See also: Bruce Hoff's presentation on his preliminary research into OAuth2 and how it relates to Synapse.
More reading: Synapse as OAuth 2.0 Provider
And a Jira Epic: - PLFM-4585Getting issue details... STATUS
Good summary of OIDC: https://github.com/dexidp/dex/blob/master/Documentation/openid-connect.md
Use cases
High level use-cases, per Bruce Hoff's presentation:
- Let third party (web) app’s securely access a user’s data in Synapse. Today such app’s must either
- predownload/embed data,
- use the app’ author’s Synapse credentials, or
- prompt the user for their Synapse credentials
- Let a headless batch job (e.g.,a “workflow”) securely access a user’s data in Synapse. Today such a process must either
- Use predownloaded data
- Use the job runner’s Synapse credentials
These use cases must guide how we encode scope.
Some questions:
- How granular do we expect scope must be?
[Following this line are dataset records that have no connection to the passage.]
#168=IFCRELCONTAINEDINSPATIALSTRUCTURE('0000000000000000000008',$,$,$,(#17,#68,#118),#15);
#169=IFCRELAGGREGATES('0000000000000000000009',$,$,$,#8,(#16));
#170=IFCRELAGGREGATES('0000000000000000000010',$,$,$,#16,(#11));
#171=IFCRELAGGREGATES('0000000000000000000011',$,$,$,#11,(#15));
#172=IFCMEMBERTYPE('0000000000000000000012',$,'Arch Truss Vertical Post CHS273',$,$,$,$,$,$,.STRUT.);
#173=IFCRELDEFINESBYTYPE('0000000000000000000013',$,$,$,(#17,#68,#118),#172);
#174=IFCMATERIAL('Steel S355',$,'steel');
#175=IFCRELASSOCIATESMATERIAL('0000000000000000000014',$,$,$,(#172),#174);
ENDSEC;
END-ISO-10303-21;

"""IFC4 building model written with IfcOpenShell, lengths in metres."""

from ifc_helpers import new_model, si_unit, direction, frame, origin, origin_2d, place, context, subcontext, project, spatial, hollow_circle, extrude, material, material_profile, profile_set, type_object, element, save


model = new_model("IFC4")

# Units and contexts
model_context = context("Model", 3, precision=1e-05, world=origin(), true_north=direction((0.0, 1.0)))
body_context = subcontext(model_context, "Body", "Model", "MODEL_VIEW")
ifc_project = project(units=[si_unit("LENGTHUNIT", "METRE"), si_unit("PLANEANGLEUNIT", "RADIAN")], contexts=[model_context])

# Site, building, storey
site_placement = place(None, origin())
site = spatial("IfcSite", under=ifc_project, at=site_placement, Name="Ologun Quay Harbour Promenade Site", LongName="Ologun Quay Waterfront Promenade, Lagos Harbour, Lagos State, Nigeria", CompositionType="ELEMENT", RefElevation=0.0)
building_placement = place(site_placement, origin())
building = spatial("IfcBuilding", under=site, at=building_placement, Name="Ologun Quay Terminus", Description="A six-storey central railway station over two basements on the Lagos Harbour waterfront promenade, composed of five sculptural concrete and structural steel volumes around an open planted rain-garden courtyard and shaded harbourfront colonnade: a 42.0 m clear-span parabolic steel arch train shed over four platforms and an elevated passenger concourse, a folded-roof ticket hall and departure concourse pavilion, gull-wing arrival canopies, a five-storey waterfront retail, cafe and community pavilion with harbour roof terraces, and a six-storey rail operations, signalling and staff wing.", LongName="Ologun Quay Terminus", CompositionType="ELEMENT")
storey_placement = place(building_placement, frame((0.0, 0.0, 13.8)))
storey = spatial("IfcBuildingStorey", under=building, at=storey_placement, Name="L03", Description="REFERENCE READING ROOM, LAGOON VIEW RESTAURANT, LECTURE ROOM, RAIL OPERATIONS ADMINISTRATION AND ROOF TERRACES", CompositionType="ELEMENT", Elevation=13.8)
- Do Read/Edit/Write permissions cover all use cases?
- Do permissions need to be set on the entity level?
- e.g. can we afford to make all cases "this external app can read everything you have access to" vs
- this external app can read "syn123, a file in project syn999"
Basic OAuth or OAuth-like flow (authorization code flow only, with no external tools)
Important question: How important is it that we are as-compliant-as-possible to specs like RFC 6749? Do we expect clients to develop their own solutions, or to use existing libraries that expect spec compliance? Are we considering developing our own OAuth client for users? Per this blog post, there are large orgs that aren't entirely up to spec, so we might be able to get away with it too.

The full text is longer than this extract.